Las exportaciones manufactureras siguen siendo hasta ahora un motor clave para el crecimiento de la economía mexicana, pero se moderarán en el segundo y tercer trimestre del año, sólo para adoptar un ritmo más sustentable, estimó BofA Merrill Lynch Global Research (BofAML).

La institución financiera señaló que una ligera desaceleración de las exportaciones mexicanas también encaja con su previsión de que el crecimiento de México será más balanceado en 2011, por lo que su pronóstico para el PIB continúa siendo de 4.0 por ciento.

Reiteró que es improbable una intervención del Banco de México (Banxico) para limitar la apreciación del peso, dirigida a evitar impactos negativos para el desempeño de las exportaciones, pues evolucionan con amplio respaldo en la recuperación de la demanda estadunidense.

El economista en jefe para México de BofAML, Edgar Camargo, expuso que en lo que va de 2011 las cifras del balance comercial de México indican que la demanda externa tiene una función relevante para sostener el dinamismo de la actividad económica.

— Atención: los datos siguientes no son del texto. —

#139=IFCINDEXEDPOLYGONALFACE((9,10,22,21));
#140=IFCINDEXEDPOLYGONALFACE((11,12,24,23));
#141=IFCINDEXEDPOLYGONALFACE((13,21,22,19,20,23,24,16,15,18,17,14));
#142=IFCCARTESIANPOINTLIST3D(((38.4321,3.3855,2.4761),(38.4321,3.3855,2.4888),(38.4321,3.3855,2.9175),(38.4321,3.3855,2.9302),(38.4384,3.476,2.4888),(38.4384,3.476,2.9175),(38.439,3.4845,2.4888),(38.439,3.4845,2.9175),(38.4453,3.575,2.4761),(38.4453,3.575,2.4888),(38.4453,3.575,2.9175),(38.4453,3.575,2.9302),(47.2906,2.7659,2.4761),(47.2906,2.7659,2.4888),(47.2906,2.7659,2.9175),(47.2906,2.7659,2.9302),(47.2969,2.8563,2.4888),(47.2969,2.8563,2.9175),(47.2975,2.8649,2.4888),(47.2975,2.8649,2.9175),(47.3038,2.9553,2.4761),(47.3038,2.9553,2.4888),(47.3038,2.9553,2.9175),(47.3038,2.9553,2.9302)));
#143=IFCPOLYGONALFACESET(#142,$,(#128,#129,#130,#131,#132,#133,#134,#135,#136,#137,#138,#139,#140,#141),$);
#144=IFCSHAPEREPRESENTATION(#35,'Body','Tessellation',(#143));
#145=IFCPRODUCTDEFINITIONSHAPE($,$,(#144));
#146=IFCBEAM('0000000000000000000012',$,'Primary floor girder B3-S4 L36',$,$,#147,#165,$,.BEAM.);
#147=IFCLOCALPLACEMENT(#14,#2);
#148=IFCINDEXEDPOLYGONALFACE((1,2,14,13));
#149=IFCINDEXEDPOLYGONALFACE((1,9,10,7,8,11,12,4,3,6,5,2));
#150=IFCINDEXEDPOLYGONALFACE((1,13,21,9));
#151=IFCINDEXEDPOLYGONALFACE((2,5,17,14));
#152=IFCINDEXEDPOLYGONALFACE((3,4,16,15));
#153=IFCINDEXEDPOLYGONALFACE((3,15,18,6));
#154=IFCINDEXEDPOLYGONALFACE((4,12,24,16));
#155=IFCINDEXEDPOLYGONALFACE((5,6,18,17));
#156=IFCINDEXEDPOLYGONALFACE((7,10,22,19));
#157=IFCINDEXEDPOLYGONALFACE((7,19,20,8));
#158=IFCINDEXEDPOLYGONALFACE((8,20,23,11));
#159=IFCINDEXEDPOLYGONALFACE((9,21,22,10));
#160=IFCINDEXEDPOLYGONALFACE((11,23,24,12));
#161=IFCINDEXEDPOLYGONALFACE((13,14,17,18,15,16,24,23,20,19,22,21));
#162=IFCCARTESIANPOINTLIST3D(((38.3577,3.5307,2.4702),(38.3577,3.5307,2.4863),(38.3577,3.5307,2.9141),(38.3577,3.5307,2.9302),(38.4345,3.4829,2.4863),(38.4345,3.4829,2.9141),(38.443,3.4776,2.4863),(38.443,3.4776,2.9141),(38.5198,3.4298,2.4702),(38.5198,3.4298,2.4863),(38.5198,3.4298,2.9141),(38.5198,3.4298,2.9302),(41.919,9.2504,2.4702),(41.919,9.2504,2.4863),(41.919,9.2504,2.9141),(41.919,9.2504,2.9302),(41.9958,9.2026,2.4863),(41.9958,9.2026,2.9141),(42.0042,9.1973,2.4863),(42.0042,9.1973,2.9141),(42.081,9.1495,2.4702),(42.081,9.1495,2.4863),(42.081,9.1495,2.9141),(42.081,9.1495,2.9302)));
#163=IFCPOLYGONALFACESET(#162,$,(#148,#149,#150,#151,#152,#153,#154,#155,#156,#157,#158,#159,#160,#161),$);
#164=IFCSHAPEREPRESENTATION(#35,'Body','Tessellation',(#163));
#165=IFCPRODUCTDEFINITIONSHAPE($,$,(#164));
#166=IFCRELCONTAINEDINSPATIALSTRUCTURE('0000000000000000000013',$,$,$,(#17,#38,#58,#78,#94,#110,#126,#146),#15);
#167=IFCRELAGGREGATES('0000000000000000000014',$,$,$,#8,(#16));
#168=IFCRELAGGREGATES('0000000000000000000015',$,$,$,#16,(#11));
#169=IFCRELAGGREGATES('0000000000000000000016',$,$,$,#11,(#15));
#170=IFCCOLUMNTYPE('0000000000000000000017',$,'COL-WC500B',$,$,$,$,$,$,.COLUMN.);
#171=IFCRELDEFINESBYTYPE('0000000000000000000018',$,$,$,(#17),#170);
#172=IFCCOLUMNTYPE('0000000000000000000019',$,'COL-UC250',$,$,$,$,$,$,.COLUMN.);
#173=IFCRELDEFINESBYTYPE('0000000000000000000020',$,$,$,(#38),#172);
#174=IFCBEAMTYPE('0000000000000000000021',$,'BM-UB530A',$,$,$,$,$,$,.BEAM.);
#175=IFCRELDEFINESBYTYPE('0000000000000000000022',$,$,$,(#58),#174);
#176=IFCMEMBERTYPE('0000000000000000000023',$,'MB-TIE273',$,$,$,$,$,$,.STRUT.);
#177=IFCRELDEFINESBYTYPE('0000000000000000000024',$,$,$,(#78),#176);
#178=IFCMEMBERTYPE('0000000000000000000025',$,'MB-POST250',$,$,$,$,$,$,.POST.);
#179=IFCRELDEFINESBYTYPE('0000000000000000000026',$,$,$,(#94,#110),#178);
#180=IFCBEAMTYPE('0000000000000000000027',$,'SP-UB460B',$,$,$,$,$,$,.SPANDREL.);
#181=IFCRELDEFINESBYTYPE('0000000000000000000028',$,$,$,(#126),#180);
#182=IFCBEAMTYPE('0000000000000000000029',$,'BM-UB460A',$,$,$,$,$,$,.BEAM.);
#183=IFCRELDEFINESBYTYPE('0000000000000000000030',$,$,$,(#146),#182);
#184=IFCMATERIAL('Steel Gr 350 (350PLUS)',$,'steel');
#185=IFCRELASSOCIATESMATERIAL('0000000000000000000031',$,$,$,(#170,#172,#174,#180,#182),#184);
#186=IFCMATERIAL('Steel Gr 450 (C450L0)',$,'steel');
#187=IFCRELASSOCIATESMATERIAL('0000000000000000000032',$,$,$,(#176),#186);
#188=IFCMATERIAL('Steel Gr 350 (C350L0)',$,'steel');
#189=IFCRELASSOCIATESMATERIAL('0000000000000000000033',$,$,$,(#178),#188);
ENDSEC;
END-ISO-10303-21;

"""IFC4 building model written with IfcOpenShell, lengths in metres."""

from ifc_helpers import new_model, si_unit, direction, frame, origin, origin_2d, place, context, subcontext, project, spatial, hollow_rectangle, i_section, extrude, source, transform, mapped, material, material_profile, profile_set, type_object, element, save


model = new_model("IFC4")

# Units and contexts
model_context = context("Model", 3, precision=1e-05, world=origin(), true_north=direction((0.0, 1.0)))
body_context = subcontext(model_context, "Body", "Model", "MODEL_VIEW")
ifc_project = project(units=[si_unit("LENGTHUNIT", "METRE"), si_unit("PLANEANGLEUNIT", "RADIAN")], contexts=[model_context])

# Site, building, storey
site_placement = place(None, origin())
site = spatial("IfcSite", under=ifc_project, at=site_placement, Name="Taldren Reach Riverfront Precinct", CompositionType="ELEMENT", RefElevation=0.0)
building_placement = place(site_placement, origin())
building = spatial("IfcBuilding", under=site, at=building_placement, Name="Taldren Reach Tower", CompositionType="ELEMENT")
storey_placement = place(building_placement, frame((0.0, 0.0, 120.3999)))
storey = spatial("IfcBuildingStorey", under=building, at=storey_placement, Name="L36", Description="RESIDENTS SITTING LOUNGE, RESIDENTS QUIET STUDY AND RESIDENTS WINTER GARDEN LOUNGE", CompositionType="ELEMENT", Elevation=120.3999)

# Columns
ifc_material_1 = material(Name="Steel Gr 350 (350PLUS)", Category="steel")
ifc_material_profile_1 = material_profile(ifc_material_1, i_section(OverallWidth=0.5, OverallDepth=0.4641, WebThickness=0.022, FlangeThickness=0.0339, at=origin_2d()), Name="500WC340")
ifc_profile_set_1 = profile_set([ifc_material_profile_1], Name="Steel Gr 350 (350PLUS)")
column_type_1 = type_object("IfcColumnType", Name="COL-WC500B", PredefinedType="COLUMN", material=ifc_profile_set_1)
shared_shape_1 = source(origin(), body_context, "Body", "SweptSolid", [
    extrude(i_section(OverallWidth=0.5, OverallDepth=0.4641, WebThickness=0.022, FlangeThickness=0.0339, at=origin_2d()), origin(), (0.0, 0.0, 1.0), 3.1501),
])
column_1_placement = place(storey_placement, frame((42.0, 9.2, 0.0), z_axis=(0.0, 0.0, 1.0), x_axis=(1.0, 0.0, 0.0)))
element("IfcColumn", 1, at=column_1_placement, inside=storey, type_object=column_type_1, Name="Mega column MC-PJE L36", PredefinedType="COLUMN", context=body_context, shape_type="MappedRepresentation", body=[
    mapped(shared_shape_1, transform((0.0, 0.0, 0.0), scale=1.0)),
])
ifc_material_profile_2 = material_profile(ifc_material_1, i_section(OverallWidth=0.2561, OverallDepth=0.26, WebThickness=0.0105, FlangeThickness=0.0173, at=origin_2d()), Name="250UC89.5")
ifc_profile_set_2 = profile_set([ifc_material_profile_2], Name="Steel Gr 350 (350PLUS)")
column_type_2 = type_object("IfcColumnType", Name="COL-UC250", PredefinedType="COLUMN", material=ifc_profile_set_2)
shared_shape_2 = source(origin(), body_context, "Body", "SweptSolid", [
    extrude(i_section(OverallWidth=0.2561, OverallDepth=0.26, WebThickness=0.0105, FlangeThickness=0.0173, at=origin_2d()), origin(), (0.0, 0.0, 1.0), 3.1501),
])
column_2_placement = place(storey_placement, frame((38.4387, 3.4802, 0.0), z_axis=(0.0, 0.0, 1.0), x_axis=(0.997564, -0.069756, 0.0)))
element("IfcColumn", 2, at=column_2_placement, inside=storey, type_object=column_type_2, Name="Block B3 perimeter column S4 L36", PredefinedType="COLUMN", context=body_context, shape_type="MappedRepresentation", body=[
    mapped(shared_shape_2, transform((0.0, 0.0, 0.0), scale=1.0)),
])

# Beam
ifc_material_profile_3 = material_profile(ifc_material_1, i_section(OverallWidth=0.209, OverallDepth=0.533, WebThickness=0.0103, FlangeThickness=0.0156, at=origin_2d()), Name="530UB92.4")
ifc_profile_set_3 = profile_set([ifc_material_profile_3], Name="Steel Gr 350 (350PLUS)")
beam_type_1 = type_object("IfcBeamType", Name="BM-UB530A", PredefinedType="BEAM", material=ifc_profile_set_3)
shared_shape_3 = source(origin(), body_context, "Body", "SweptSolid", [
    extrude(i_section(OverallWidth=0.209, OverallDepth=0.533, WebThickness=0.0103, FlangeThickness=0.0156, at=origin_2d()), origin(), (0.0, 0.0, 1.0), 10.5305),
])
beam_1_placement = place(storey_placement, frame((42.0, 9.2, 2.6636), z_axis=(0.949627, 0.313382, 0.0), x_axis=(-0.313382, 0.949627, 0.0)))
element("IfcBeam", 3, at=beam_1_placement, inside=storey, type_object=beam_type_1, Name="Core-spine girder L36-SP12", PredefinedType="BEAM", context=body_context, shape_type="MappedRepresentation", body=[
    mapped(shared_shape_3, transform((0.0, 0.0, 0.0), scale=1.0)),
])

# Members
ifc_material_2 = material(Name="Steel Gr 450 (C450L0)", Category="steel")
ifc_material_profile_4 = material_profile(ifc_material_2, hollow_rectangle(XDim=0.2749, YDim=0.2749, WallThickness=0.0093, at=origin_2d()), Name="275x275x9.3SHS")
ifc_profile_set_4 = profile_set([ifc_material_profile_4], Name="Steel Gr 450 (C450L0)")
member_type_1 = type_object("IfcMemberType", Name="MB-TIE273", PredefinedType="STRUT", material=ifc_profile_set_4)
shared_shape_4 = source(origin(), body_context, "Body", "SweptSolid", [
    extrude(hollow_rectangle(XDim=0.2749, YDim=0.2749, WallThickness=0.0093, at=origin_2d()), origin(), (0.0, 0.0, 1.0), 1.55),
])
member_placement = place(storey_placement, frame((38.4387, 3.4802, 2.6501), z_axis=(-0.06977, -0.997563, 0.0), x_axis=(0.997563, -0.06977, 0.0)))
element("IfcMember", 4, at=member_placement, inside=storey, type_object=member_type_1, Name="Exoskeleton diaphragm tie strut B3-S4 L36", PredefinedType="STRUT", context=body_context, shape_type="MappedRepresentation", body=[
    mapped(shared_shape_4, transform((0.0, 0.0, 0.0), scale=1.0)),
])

De enero a abril de 2011 la fuerza de las exportaciones continuó superando a las importaciones, dando como resultado un superávit comercial total de 2,680 millones de dólares, 465% mayor que la cifra de igual lapso de 2010.

Las exportaciones mexicanas sumaron 109.8 mil millones de dólares durante igual lapso, con un robusto crecimiento de 20% anual; las exportaciones petroleras crecieron 38.2% anual y las no petroleras avanzaron 17.1 por ciento anual.

En estas últimas, las ventas manufactureras al exterior (representan 79% de las totales) crecieron 16.6% anual, impulsadas por las resistentes exportaciones de la industria automotriz hacia Estados Unidos, destino principal de exportaciones mexicanas.

Así, el equipo de Economía para Estados Unidos de BofAML espera que la actividad industrial estadounidense se modere en 2011, con una reducción en el crecimiento hacia 4.7%, contra el 5.3% visto el año pasado.

En lo que va del año, la expansión sostenida del sector manufacturero estadounidense ha permitido que la actividad industrial de México crezca a un paso relativamente robusto.

Sin embargo, espera que en el segundo trimestre comiencen a manifestarse algunos efectos temporales de disrupciones generadas en la cadena de suministro de la industria automotriz estadunidense por el terremoto en Japón.

Indicó que en Estados Unidos, una fuerte caída de la producción automotriz ya impactó a las cifras de actividad industrial en abril pasado, produciendo una cifra neutra de crecimiento.

En México, aunque las cifras de producción industrial de abril serán publicadas hasta mediados de junio, los datos de la Asociación Mexicana de la Industria Automotriz (AMIA) ya sugieren que la producción industrial se debilitará en el segundo trimestre.

El reporte de abril de la AMIA muestra que, mientras las exportaciones automotrices y las ventas domésticas ya se moderan (con crecimiento de 5.9 y 8.0%, en ese orden), la producción automotriz cayó 10.4% anual.

De esta última, la producción total para exportación cayó 8.9% anualizado en abril, mientras que la producción de las compañías japonesas registró una caída más sustancial, explica BofAML.

Sin embargo, el descenso en la producción automotriz en abril responde a la decisión de algunas automotrices japonesas de adelantar los paros técnicos programados para mayo-junio, y al efecto de temporada de la Semana Santa, que tuvo lugar en abril este año, y no en marzo como en 2010.

"Seguimos proyectando una moderación adicional para la manufactura ûimpulsada principalmente por la actividad de la industria automotriz y las exportacionesû, en el segundo y tercer trimestre de 2011, pero sólo para adoptar un ritmo más sustentable", estimó.